De verhouding tussen loon en productiviteit speelt een belangrijke rol bij de rigide arbeidsmarkt voor ouderen. Ouderen zijn gemiddeld langer op zoek zijn naar een baan, bedrijven zijn terughoudend in het aannemen van ouderen en de mobiliteit van oudere werknemers is beperkt (Euwals, De Mooij en Van Vuuren, 2009). Een eerste verklaring is dat oudere werknemers een loon krijgen dat hun productiviteit overstijgt, zie paragraaf 6.2.1. Een tweede verklaring is dat zij over relatief veel specifieke kennis en vaardigheden beschikken. Ouderen met specifieke kennis en vaardigheden zouden immers een substantieel deel van hun loon moeten inleveren bij een nieuwe betrekking, omdat alleen hun algemene kennis en vaardigheden daar van waarde zijn. Een derde verklaring is de rol van de sociale zekerheid en dan vooral van de regelingen voor arbeidsongeschiktheid. Ouderen melden zich minder vaak ziek dan jongeren, maar als ze zich ziek melden dat zijn ze meestal langer ziek (Klein Hessink et al., 2011). Door de loondoorbe-taling bij de eerste twee jaar van arbeidsongeschiktheid lopen werkgevers een aanzienlijk risico bij het aannemen van oudere werknemers.
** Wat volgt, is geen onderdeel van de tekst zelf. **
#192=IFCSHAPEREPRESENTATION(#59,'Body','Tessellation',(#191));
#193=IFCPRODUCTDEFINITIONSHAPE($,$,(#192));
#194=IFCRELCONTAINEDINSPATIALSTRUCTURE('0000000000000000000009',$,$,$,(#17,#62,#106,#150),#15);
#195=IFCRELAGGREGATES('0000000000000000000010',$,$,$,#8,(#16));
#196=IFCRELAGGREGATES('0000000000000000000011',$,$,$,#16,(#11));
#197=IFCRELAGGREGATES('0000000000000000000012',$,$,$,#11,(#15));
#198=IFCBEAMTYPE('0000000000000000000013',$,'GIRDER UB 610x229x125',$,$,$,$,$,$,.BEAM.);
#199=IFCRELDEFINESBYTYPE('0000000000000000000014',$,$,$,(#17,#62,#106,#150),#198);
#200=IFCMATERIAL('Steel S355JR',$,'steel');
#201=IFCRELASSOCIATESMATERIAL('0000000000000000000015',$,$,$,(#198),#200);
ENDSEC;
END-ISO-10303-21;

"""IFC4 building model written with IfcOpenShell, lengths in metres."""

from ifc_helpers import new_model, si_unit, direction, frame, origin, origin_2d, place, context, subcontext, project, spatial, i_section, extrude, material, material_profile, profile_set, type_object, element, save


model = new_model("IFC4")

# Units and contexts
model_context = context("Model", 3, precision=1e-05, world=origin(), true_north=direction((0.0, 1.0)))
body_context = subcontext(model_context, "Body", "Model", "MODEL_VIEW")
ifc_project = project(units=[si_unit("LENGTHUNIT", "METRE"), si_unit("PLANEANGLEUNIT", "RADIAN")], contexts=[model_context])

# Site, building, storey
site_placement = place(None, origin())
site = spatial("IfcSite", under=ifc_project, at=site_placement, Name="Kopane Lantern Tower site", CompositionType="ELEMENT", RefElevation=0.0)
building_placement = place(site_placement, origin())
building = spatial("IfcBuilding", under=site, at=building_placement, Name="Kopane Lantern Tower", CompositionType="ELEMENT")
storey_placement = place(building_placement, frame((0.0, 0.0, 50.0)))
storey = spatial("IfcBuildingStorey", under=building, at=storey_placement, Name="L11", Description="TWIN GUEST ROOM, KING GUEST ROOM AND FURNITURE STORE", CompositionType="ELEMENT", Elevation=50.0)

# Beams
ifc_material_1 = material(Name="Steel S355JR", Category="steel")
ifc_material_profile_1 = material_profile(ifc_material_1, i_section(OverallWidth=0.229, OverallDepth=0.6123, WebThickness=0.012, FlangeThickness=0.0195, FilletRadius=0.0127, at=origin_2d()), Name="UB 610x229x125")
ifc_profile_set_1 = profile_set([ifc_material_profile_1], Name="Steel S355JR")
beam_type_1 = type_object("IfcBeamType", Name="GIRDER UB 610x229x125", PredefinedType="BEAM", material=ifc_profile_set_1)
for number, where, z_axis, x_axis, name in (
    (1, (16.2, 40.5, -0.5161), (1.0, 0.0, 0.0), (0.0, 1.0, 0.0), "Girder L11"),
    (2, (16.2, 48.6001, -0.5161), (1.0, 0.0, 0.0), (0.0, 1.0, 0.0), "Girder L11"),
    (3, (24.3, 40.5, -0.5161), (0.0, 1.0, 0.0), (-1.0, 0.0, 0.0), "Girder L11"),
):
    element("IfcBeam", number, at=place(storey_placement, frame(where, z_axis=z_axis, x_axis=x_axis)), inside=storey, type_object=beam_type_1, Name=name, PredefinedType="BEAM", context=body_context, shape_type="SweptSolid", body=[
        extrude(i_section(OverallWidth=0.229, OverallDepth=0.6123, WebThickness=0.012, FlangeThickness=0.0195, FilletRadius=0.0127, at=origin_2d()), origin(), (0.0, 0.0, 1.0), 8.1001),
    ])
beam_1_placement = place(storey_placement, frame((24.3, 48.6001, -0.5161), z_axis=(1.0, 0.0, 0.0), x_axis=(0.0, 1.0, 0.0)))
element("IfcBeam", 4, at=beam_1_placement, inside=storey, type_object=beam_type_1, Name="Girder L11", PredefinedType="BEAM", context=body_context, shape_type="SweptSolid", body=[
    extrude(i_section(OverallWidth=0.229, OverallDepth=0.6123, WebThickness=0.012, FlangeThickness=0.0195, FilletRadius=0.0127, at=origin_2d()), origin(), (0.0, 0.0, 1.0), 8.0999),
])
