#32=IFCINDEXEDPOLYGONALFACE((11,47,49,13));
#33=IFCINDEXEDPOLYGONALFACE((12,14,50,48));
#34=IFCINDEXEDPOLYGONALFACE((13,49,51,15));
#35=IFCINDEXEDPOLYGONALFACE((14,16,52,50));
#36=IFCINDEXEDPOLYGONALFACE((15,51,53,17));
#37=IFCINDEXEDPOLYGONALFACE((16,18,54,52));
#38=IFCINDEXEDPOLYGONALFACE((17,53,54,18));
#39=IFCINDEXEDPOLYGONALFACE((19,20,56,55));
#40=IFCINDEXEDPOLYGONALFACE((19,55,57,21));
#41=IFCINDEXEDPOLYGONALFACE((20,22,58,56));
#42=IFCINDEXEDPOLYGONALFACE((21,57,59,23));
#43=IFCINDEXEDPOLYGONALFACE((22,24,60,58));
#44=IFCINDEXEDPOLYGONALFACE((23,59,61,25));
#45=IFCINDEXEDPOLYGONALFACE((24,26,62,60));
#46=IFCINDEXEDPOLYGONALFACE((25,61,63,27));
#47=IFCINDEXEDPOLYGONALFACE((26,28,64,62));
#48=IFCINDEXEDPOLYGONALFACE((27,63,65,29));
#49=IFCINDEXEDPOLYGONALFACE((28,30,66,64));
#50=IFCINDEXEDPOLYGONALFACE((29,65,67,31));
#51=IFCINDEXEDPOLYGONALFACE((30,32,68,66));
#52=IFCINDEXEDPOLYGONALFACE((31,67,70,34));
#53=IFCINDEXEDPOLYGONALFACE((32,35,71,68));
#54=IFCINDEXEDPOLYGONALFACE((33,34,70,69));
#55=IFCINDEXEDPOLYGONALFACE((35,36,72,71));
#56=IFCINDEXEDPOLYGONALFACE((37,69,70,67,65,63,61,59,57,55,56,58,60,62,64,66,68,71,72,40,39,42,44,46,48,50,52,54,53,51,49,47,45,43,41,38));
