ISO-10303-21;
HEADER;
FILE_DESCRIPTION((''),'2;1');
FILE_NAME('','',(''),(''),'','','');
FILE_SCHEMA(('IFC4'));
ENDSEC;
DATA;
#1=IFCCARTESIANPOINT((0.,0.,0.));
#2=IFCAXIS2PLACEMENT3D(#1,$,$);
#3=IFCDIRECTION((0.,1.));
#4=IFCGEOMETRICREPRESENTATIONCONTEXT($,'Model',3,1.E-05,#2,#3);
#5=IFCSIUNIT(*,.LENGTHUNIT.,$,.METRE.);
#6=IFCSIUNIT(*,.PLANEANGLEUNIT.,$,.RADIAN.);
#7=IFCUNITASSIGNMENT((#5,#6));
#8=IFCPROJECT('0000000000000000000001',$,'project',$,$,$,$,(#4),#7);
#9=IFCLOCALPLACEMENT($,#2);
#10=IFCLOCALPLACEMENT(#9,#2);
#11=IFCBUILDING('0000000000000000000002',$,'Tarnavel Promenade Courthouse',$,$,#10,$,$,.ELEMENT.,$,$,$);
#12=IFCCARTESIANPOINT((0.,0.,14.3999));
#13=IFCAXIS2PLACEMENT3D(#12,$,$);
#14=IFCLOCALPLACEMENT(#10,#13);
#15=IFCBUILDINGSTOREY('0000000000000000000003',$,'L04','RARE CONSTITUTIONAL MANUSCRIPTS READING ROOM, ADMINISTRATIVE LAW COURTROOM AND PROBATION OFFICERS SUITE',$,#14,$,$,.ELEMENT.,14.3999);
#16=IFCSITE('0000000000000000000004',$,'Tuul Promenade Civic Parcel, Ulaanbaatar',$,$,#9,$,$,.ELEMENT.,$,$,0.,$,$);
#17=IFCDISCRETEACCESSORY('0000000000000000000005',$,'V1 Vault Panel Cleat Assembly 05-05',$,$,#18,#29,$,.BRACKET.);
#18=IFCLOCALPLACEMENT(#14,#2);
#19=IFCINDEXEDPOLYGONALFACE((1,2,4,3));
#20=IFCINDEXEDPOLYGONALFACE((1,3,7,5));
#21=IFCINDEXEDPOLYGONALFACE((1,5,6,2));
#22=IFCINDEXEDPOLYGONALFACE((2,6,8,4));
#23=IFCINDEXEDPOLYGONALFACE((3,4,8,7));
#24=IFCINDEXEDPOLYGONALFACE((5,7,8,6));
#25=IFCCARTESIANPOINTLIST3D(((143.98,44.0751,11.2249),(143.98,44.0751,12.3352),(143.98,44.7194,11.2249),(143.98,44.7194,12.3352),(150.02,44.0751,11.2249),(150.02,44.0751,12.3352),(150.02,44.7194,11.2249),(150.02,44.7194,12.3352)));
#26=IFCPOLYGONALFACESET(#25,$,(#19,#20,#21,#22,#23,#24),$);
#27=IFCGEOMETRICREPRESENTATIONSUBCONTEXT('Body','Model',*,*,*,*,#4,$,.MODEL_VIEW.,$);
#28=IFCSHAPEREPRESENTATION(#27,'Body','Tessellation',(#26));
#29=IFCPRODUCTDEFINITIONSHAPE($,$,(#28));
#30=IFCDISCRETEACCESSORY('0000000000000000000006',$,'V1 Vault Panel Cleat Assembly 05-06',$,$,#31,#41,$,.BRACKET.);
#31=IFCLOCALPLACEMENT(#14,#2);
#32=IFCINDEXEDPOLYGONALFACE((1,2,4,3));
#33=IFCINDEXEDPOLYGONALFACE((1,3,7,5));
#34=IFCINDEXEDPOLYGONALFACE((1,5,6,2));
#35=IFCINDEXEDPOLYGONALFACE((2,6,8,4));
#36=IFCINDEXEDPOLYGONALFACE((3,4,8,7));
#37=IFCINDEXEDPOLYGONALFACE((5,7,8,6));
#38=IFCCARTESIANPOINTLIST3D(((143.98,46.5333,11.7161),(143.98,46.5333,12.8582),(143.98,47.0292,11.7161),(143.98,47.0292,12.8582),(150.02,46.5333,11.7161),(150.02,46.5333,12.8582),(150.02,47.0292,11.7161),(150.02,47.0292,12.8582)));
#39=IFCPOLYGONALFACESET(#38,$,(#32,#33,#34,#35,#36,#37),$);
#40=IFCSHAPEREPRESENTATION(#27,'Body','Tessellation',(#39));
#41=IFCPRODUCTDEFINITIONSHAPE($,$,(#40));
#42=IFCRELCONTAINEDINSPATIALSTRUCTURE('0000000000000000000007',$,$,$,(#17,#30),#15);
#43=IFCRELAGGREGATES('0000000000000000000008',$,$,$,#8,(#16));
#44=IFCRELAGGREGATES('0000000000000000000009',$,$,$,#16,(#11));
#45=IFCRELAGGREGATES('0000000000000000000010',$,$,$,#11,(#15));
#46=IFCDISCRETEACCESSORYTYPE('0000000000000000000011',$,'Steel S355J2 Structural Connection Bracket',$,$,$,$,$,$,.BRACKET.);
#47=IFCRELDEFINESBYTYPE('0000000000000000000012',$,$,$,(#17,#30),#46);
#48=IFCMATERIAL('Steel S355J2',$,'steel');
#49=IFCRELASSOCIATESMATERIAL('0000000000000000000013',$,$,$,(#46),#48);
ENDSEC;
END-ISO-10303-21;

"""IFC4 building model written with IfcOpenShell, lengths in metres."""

from ifc_helpers import new_model, si_unit, direction, frame, origin, origin_2d, place, context, subcontext, project, spatial, rectangle, extrude, material, type_object, element, save


model = new_model("IFC4")

# Units and contexts
model_context = context("Model", 3, precision=1e-05, world=origin(), true_north=direction((0.0, 1.0)))
body_context = subcontext(model_context, "Body", "Model", "MODEL_VIEW")
ifc_project = project(units=[si_unit("LENGTHUNIT", "METRE"), si_unit("PLANEANGLEUNIT", "RADIAN")], contexts=[model_context])

# Site, building, storey
site_placement = place(None, origin())
site = spatial("IfcSite", under=ifc_project, at=site_placement, Name="Tuul Promenade Civic Parcel, Ulaanbaatar", CompositionType="ELEMENT", RefElevation=0.0)
building_placement = place(site_placement, origin())
building = spatial("IfcBuilding", under=site, at=building_placement, Name="Tarnavel Promenade Courthouse", CompositionType="ELEMENT")
storey_placement = place(building_placement, frame((0.0, 0.0, 14.3999)))
storey = spatial("IfcBuildingStorey", under=building, at=storey_placement, Name="L04", Description="RARE CONSTITUTIONAL MANUSCRIPTS READING ROOM, ADMINISTRATIVE LAW COURTROOM AND PROBATION OFFICERS SUITE", CompositionType="ELEMENT", Elevation=14.3999)

# Shared definitions
ifc_material_1 = material(Name="Steel S355J2", Category="steel")

# Discrete accessories
discrete_accessory_type = type_object("IfcDiscreteAccessoryType", Name="Steel S355J2 Structural Connection Bracket", PredefinedType="BRACKET", material=ifc_material_1)
discrete_accessory_1_placement = place(storey_placement, frame((147.0, 44.3972, 11.2249), z_axis=(0.0, 0.0, 1.0), x_axis=(1.0, 0.0, 0.0)))
element("IfcDiscreteAccessory", 1, at=discrete_accessory_1_placement, inside=storey, type_object=discrete_accessory_type, Name="V1 Vault Panel Cleat Assembly 05-05", PredefinedType="BRACKET", context=body_context, shape_type="SweptSolid", body=[
    extrude(rectangle(XDim=6.04, YDim=0.6443, at=origin_2d()), origin(), (0.0, 0.0, 1.0), 1.1104),
])
discrete_accessory_2_placement = place(storey_placement, frame((147.0, 46.7812, 11.7161), z_axis=(0.0, 0.0, 1.0), x_axis=(1.0, 0.0, 0.0)))
element("IfcDiscreteAccessory", 2, at=discrete_accessory_2_placement, inside=storey, type_object=discrete_accessory_type, Name="V1 Vault Panel Cleat Assembly 05-06", PredefinedType="BRACKET", context=body_context, shape_type="SweptSolid", body=[
    extrude(rectangle(XDim=6.04, YDim=0.4958, at=origin_2d()), origin(), (0.0, 0.0, 1.0), 1.1421),
])

save(model, "model.ifc")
De waarneming dat bedrijven oudere werknemers niet zelden stimuleren om met pensioen te gaan toont op zichzelf al aan dat hun loon hoog is in vergelijking met hun productiviteit (Lazear, 2011). Immers, als de hierboven genoemde uitkomsten zouden zijn veroorzaakt doordat ouderen over specifieke kennis en vaardigheden beschikken, dan zou de werkgever de pensionering juist zo lang mogelijk willen uitstellen om zoveel mogelijk rendement op die kwaliteiten te maken. Daarnaast laten verschillende internationale studies zien dat de individuele productiviteit over de levensloop niet harder stijgt dan de individuele lonen (De Hek en Van Vuuren, 2011).

In document Klik hier om dit boek te downloaden (pagina 108-112)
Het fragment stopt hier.